NOTES

Here is the observation we have been using in class:

Observation 1. For an $m \times n$ matrix $M$ whose columns are column vectors $M_1,\ldots, M_n$, and for $r_1,\ldots, r_n \in F$, the following are equivalent:

(1) $M$r$=$   0, i.e., r is in the null space of $M$.

(2) $r_1 M_1 + \cdots + r_n M_n =$   0, i.e., $r_1,\ldots, r_n$ are coefficients for a linear relation of the columns of $M$.

(3) $r_1,\ldots, r_n$ are solutions of the set of homogeneous linear equations whose matrix of coefficients is $M$

The reason is simply that $r_1 M_1 + \cdots + r_n M_n = M$   r.

For example, $r_1 \left[\begin{array}{r}1\ 2\end{array}\right] + r_2 \left[\begin{array}{r... ...{array}\right] \left[\begin{array}{r}r_1\ r_2\ r_3\ r_4\end{array}\right]$.

From this we get:

Observation 2. The linear relations between columns of a matrix remain unchanged when you do row reduction.

The reason is that elementary row operations do not change the solutions to the set of homogeneous linear equations whose coefficient matrix is the matrix in question. According to Observation 1, these solutions give the coefficients for linear relations.

We also get a method:

Observation 3. Given a spanning set for a subspace of a vector space, to thin it out to a basis of the subspace, do this:

Step 1. Make a matrix $M$ with the spanning set as its columns.

Step 2. Row-reduce to a matrix $E$ in row-reduced echelon form.

Step 3. Look for the pivot columns of $E$.

Step 4. Choose the corresponding columns of the original matrix $M$ to be the basis. For example, if the pivot columns in $E$ are 1 and 4, then use columns 1 and 4 of $M$.

Why this works:

The pivot columns of $E$ are clearly linearly independent, since each has an entry with value 1 where the others have value 0, and the other columns are linear combinations of the pivot columns. Since $M$ has the same linear relations between columns as $E$ (by Observation 2), the same statement is true about the corresponding columns of $M$.

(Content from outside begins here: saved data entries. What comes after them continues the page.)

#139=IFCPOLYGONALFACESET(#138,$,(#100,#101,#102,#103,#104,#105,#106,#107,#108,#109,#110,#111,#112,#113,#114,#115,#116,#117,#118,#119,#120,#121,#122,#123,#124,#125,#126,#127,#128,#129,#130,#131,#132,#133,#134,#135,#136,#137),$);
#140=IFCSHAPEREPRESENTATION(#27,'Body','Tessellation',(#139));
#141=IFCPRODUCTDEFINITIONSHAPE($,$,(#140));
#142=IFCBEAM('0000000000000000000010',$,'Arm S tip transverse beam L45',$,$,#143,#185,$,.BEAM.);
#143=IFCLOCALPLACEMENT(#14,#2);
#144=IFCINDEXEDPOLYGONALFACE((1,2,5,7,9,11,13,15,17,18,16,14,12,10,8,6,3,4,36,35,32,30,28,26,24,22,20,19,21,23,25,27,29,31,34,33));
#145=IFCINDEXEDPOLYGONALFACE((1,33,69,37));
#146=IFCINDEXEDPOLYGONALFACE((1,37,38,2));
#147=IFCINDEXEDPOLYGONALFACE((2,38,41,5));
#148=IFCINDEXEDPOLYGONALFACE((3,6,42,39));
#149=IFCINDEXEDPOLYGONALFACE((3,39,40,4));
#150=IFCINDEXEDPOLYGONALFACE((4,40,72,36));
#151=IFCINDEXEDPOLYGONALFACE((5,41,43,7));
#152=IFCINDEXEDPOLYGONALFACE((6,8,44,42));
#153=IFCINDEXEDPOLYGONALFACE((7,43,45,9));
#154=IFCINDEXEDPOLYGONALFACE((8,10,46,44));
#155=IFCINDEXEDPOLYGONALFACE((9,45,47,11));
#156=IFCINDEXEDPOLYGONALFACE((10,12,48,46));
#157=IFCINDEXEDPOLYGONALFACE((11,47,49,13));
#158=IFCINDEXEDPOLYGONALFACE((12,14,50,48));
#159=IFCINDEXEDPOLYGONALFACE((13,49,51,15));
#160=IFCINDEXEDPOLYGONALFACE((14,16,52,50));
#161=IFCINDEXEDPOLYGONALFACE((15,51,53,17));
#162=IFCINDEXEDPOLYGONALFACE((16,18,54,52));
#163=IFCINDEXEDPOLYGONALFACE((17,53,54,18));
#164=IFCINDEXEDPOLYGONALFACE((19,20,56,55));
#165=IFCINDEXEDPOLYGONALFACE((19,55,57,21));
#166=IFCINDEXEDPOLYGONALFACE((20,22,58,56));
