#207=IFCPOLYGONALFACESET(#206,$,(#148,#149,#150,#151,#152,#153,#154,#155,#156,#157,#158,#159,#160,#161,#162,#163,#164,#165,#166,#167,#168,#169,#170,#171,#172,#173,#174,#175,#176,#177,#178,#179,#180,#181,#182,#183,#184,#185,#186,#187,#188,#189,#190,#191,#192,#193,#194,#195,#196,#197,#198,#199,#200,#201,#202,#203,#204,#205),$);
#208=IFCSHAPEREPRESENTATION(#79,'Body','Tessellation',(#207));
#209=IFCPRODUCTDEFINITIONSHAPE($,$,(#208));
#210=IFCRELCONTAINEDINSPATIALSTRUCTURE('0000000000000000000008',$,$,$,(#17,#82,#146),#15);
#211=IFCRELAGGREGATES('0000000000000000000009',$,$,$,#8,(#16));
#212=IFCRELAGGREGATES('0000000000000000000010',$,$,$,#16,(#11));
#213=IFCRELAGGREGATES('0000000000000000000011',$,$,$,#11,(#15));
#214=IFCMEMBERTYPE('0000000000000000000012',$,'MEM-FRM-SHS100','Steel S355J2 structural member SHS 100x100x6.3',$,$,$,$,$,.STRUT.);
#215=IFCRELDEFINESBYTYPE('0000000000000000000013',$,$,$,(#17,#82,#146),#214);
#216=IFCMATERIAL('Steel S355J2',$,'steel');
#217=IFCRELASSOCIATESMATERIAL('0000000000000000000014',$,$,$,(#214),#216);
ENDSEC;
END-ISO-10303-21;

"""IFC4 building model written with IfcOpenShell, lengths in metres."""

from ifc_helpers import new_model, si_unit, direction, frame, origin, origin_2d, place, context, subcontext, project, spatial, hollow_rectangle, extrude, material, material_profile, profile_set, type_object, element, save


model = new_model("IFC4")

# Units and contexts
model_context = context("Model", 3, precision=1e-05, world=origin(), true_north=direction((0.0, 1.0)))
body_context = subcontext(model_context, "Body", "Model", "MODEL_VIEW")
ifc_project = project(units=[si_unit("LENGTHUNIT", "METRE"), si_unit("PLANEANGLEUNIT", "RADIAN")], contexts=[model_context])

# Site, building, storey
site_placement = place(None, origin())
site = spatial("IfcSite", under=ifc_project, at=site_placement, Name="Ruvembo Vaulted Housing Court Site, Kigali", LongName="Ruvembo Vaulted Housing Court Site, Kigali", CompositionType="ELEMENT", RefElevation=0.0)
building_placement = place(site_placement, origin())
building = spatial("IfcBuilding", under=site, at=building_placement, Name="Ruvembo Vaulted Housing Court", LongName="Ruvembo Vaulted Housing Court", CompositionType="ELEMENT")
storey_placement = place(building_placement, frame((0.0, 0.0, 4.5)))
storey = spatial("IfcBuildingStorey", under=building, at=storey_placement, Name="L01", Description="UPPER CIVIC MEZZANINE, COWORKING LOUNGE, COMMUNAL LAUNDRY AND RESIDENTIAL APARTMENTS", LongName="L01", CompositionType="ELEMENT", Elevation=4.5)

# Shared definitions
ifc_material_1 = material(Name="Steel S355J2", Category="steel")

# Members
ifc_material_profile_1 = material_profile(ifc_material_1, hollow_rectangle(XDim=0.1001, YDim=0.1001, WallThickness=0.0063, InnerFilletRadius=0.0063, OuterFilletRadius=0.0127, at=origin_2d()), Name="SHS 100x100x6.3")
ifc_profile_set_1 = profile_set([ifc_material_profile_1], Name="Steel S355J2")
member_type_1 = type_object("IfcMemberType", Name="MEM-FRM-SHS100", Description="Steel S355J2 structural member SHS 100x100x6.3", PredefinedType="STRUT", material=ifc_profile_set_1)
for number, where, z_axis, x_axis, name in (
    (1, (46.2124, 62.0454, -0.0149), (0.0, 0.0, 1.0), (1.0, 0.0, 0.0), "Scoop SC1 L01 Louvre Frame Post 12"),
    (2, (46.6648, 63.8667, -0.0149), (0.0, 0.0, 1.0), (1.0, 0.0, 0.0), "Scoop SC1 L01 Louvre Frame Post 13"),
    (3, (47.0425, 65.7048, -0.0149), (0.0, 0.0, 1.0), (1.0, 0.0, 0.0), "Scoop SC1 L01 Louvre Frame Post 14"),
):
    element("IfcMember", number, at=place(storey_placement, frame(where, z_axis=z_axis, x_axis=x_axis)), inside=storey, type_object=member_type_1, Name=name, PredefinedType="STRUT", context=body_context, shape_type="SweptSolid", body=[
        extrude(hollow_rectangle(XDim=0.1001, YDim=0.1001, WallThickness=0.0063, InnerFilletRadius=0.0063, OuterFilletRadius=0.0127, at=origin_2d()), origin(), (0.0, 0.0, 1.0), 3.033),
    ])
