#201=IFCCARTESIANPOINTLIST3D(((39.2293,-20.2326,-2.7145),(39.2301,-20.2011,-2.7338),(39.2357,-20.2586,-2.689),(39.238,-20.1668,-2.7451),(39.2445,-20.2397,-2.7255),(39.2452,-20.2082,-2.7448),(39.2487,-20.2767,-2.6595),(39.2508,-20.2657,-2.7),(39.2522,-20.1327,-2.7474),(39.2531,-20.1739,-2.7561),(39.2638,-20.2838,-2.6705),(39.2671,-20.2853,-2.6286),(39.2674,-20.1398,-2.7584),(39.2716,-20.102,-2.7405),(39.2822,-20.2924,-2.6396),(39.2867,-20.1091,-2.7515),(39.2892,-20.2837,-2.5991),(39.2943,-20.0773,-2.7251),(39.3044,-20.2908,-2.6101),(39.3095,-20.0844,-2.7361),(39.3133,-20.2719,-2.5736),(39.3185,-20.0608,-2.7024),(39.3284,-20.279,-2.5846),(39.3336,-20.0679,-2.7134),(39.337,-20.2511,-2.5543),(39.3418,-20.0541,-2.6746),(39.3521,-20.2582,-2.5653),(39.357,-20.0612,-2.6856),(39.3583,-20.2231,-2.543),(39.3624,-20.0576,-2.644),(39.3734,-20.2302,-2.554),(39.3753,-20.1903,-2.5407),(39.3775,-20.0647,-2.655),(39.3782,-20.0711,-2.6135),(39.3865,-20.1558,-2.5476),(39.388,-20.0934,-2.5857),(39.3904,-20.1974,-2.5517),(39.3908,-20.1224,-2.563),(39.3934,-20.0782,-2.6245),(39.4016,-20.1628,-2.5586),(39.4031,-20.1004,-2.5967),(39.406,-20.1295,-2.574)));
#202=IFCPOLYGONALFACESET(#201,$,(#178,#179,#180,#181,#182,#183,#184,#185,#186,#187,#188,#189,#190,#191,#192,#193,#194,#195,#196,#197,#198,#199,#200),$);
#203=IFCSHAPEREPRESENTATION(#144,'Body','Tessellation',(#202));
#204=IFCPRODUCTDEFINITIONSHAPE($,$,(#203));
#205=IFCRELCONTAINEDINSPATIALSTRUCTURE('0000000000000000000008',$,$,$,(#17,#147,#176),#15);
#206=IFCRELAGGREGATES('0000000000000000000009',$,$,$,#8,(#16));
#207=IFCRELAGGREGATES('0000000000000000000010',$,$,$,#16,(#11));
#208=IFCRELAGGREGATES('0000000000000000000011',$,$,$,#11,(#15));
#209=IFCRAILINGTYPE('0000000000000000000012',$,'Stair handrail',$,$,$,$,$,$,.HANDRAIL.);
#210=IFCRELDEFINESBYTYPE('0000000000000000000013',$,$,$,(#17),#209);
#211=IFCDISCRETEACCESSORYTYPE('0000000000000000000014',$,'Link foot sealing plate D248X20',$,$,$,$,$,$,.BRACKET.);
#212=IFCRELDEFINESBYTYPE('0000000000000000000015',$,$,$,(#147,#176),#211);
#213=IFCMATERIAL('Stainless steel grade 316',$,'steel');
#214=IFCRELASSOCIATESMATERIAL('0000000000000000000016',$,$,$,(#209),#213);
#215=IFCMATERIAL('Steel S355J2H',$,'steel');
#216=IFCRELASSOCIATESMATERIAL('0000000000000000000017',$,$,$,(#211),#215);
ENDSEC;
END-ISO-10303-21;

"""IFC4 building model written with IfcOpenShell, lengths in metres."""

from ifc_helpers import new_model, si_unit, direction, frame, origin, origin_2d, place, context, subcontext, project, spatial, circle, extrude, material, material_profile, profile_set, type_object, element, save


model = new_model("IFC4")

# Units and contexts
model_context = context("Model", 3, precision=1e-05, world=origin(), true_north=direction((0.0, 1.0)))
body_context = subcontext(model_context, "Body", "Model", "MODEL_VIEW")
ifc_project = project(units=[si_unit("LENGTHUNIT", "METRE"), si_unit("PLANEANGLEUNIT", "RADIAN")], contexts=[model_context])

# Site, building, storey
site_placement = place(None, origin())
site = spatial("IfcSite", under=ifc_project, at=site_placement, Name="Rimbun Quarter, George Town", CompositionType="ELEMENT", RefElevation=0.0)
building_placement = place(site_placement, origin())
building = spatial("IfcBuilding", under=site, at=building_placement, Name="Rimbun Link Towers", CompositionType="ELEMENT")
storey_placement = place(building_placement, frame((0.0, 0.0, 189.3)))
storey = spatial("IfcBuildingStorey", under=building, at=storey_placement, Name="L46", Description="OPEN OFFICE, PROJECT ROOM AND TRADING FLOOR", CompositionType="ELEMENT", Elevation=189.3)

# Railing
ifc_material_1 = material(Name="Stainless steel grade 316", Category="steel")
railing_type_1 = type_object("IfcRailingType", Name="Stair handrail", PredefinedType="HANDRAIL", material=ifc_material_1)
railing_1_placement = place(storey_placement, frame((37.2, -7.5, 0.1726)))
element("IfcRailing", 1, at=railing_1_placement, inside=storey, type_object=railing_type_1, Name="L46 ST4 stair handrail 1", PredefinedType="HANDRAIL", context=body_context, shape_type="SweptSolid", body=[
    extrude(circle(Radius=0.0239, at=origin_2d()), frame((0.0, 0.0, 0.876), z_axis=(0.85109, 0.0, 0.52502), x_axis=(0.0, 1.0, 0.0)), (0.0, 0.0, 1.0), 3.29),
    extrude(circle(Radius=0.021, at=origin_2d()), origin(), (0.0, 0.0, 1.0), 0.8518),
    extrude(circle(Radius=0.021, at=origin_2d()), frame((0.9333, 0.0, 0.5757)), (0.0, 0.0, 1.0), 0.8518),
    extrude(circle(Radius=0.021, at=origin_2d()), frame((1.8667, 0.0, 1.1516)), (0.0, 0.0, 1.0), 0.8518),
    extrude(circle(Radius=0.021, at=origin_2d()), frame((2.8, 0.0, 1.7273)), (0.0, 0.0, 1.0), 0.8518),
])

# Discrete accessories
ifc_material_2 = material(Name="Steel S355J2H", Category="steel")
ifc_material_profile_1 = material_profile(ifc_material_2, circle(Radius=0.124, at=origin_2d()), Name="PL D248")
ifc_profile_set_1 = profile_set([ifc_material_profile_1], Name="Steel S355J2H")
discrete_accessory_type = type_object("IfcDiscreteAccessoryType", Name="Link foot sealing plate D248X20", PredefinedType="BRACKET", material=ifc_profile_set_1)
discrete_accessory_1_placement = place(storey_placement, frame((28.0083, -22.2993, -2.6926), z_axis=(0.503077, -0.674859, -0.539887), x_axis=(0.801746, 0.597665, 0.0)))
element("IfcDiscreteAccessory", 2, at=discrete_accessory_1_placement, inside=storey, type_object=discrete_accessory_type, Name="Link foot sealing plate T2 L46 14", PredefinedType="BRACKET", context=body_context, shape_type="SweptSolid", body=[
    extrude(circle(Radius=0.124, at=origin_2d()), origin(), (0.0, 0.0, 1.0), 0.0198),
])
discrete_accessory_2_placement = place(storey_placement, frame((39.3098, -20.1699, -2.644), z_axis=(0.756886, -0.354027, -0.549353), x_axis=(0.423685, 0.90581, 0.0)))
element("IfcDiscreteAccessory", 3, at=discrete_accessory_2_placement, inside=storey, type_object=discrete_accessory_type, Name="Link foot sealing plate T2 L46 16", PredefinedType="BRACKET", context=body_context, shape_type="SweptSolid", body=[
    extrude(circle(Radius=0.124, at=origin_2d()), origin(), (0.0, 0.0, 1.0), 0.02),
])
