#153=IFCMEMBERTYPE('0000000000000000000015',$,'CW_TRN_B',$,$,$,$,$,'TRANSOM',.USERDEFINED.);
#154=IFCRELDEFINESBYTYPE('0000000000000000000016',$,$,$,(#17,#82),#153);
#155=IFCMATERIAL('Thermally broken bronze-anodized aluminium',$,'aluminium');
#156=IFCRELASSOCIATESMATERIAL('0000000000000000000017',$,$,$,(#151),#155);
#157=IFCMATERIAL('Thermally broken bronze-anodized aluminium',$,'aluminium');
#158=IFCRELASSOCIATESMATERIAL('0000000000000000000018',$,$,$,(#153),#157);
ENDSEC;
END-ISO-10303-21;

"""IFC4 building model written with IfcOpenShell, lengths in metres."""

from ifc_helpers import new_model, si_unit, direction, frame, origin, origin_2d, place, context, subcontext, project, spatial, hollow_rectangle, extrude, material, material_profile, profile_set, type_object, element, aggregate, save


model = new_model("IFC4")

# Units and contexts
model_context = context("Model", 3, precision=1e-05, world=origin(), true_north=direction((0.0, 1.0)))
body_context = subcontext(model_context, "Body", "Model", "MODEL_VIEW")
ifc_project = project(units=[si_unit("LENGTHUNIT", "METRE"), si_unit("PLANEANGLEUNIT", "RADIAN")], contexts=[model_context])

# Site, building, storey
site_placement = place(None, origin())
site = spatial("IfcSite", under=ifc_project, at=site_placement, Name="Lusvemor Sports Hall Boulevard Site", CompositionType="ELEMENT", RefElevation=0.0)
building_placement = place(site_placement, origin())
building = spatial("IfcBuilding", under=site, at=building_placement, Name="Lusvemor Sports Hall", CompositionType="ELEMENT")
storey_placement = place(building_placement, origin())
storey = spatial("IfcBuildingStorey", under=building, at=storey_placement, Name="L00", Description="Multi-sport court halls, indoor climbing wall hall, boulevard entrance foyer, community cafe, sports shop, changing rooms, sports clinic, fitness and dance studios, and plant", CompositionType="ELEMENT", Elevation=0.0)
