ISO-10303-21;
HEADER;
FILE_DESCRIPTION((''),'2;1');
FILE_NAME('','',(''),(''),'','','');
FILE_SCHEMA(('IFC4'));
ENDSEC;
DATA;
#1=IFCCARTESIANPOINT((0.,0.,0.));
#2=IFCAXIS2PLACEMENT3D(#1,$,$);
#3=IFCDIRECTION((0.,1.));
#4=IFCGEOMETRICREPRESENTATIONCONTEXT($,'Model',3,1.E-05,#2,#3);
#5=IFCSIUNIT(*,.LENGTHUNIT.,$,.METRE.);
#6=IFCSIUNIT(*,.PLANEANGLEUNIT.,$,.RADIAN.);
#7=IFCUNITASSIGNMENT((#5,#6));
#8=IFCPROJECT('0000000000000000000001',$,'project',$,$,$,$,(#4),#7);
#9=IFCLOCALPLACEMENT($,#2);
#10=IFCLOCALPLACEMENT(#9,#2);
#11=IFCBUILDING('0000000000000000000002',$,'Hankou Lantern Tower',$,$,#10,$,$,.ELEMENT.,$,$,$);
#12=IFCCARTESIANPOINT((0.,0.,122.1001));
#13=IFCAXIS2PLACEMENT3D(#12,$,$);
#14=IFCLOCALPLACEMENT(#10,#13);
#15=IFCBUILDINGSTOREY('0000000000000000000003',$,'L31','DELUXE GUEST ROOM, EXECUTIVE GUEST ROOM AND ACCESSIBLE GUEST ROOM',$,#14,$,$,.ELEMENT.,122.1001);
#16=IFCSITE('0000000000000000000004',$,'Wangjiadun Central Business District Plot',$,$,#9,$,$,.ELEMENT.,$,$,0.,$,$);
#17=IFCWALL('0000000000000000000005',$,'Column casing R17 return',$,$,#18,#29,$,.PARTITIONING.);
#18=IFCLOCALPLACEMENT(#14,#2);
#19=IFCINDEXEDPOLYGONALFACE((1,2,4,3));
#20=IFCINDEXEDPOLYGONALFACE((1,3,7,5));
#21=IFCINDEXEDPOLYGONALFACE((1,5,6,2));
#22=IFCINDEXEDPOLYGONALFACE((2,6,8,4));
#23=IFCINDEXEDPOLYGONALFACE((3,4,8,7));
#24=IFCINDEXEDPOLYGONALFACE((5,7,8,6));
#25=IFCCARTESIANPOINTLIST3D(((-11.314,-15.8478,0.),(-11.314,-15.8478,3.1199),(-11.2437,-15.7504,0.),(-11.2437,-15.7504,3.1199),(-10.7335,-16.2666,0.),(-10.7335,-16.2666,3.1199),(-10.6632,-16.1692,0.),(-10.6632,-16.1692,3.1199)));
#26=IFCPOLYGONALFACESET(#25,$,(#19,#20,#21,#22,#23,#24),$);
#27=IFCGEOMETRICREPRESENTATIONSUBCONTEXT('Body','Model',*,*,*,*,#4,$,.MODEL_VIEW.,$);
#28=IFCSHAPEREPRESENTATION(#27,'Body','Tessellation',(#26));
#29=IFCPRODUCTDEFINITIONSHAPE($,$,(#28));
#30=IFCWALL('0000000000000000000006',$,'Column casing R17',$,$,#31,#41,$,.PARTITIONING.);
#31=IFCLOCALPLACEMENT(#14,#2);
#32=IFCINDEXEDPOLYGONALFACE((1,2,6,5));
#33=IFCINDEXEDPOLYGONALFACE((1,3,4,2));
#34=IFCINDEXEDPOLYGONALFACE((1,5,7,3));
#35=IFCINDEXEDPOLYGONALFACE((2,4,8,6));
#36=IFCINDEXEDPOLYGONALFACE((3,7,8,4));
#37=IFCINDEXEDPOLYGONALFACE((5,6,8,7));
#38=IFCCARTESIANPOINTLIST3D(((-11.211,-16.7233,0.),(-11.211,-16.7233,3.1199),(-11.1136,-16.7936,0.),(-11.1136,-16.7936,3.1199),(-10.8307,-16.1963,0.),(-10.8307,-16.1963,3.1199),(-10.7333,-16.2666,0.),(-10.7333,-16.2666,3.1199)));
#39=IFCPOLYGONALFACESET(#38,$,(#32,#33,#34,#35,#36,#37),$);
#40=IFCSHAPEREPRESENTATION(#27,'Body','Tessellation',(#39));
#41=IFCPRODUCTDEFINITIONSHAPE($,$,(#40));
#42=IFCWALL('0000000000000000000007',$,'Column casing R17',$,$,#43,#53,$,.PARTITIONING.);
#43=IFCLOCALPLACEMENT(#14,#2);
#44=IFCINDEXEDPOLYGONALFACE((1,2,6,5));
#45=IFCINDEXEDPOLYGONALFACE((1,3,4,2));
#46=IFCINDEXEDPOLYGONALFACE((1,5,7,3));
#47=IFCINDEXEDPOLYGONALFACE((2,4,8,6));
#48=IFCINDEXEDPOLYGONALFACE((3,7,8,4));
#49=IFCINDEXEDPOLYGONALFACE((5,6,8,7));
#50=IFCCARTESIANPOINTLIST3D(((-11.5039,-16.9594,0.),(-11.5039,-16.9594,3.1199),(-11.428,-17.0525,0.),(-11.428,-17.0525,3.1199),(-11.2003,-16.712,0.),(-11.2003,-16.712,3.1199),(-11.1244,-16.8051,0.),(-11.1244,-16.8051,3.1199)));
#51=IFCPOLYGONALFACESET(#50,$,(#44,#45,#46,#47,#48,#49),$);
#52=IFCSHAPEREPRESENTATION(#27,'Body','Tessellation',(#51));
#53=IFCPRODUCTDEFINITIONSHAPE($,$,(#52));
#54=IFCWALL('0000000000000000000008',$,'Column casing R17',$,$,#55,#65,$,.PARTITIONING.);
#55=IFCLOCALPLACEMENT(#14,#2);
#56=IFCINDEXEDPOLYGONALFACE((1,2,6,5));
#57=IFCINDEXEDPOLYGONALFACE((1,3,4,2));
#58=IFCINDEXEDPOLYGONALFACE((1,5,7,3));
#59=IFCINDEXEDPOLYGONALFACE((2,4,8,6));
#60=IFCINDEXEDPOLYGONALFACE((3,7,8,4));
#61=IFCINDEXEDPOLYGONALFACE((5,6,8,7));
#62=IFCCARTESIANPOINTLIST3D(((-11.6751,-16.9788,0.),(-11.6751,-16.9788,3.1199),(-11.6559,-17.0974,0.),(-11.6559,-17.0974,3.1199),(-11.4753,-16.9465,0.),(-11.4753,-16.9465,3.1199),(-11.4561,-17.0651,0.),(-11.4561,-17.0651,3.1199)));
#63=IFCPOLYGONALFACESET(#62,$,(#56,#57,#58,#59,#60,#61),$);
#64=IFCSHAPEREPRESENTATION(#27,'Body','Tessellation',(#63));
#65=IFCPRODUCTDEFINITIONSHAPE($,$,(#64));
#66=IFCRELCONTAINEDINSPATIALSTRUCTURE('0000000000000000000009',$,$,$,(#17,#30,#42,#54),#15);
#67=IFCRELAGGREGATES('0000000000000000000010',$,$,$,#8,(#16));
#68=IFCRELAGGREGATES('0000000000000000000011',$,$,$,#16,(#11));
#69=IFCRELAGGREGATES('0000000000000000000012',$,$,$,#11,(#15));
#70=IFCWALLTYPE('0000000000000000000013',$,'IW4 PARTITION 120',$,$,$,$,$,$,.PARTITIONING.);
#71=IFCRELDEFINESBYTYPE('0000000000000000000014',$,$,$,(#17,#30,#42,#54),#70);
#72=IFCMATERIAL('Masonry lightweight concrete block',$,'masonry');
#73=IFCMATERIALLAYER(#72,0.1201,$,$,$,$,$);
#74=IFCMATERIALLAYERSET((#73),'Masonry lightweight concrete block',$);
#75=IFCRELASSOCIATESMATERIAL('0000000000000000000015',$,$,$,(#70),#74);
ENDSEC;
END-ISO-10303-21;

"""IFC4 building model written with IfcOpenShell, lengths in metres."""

from ifc_helpers import new_model, si_unit, direction, frame, frame_2d, origin, place, context, subcontext, project, spatial, rectangle, extrude, material, layer, layer_set, type_object, element, save


model = new_model("IFC4")

# Units and contexts
model_context = context("Model", 3, precision=1e-05, world=origin(), true_north=direction((0.0, 1.0)))
body_context = subcontext(model_context, "Body", "Model", "MODEL_VIEW")
ifc_project = project(units=[si_unit("LENGTHUNIT", "METRE"), si_unit("PLANEANGLEUNIT", "RADIAN")], contexts=[model_context])

# Site, building, storey
site_placement = place(None, origin())
site = spatial("IfcSite", under=ifc_project, at=site_placement, Name="Wangjiadun Central Business District Plot", CompositionType="ELEMENT", RefElevation=0.0)
building_placement = place(site_placement, origin())
building = spatial("IfcBuilding", under=site, at=building_placement, Name="Hankou Lantern Tower", CompositionType="ELEMENT")
storey_placement = place(building_placement, frame((0.0, 0.0, 122.1001)))
storey = spatial("IfcBuildingStorey", under=building, at=storey_placement, Name="L31", Description="DELUXE GUEST ROOM, EXECUTIVE GUEST ROOM AND ACCESSIBLE GUEST ROOM", CompositionType="ELEMENT", Elevation=122.1001)

# Walls
ifc_material_1 = material(Name="Masonry lightweight concrete block", Category="masonry")
ifc_layer_1 = layer(ifc_material_1, 0.1201)
ifc_layer_set_1 = layer_set([ifc_layer_1], Name="Masonry lightweight concrete block")
wall_type_1 = type_object("IfcWallType", Name="IW4 PARTITION 120", PredefinedType="PARTITIONING", material=ifc_layer_set_1)
wall_1_placement = place(storey_placement, frame((-11.2788, -15.7991, 0.0), z_axis=(0.0, 0.0, 1.0), x_axis=(0.810913, -0.585167, 0.0)))
element("IfcWall", 1, at=wall_1_placement, inside=storey, type_object=wall_type_1, Name="Column casing R17 return", PredefinedType="PARTITIONING", context=body_context, shape_type="SweptSolid", body=[
    extrude(rectangle(XDim=0.7158, YDim=0.1201, at=frame_2d((0.3579, 0.0))), origin(), (0.0, 0.0, 1.0), 3.1199),
])
wall_2_placement = place(storey_placement, frame((-10.782, -16.2314, 0.0), z_axis=(0.0, 0.0, 1.0), x_axis=(-0.585175, -0.810907, 0.0)))
element("IfcWall", 2, at=wall_2_placement, inside=storey, type_object=wall_type_1, Name="Column casing R17", PredefinedType="PARTITIONING", context=body_context, shape_type="SweptSolid", body=[
    extrude(rectangle(XDim=0.6499, YDim=0.1201, at=frame_2d((0.325, 0.0))), origin(), (0.0, 0.0, 1.0), 3.1199),
])
wall_3_placement = place(storey_placement, frame((-11.1624, -16.7585, 0.0), z_axis=(0.0, 0.0, 1.0), x_axis=(-0.775178, -0.631742, 0.0)))
element("IfcWall", 3, at=wall_3_placement, inside=storey, type_object=wall_type_1, Name="Column casing R17", PredefinedType="PARTITIONING", context=body_context, shape_type="SweptSolid", body=[
    extrude(rectangle(XDim=0.3916, YDim=0.1201, at=frame_2d((0.1958, 0.0))), origin(), (0.0, 0.0, 1.0), 3.1199),
])
wall_4_placement = place(storey_placement, frame((-11.4658, -17.0059, 0.0), z_axis=(0.0, 0.0, 1.0), x_axis=(-0.987229, -0.159308, 0.0)))
element("IfcWall", 4, at=wall_4_placement, inside=storey, type_object=wall_type_1, Name="Column casing R17", PredefinedType="PARTITIONING", context=body_context, shape_type="SweptSolid", body=[
    extrude(rectangle(XDim=0.2024, YDim=0.1201, at=frame_2d((0.1011, 0.0))), origin(), (0.0, 0.0, 1.0), 3.1199),
])

save(model, "model.ifc")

Example: Find a basis for the subspace of $\mathbb{R}^2$ spanned by $(1,2)$, $(3,4)$, $(5,6)$, and $(7,8)$.

Solution. Make the matrix $M = \left[\begin{array}{rrrr}1&3&5&7\\ 2&4&6&8\end{array}\right]$ and row-reduce, getting $\left[\begin{array}{rrrr}1&0&-1&-2\\ 0&1&2&3\end{array}\right]$. The first two columns are the pivot columns, so the first two vectors in the original list are a basis for the span of all four.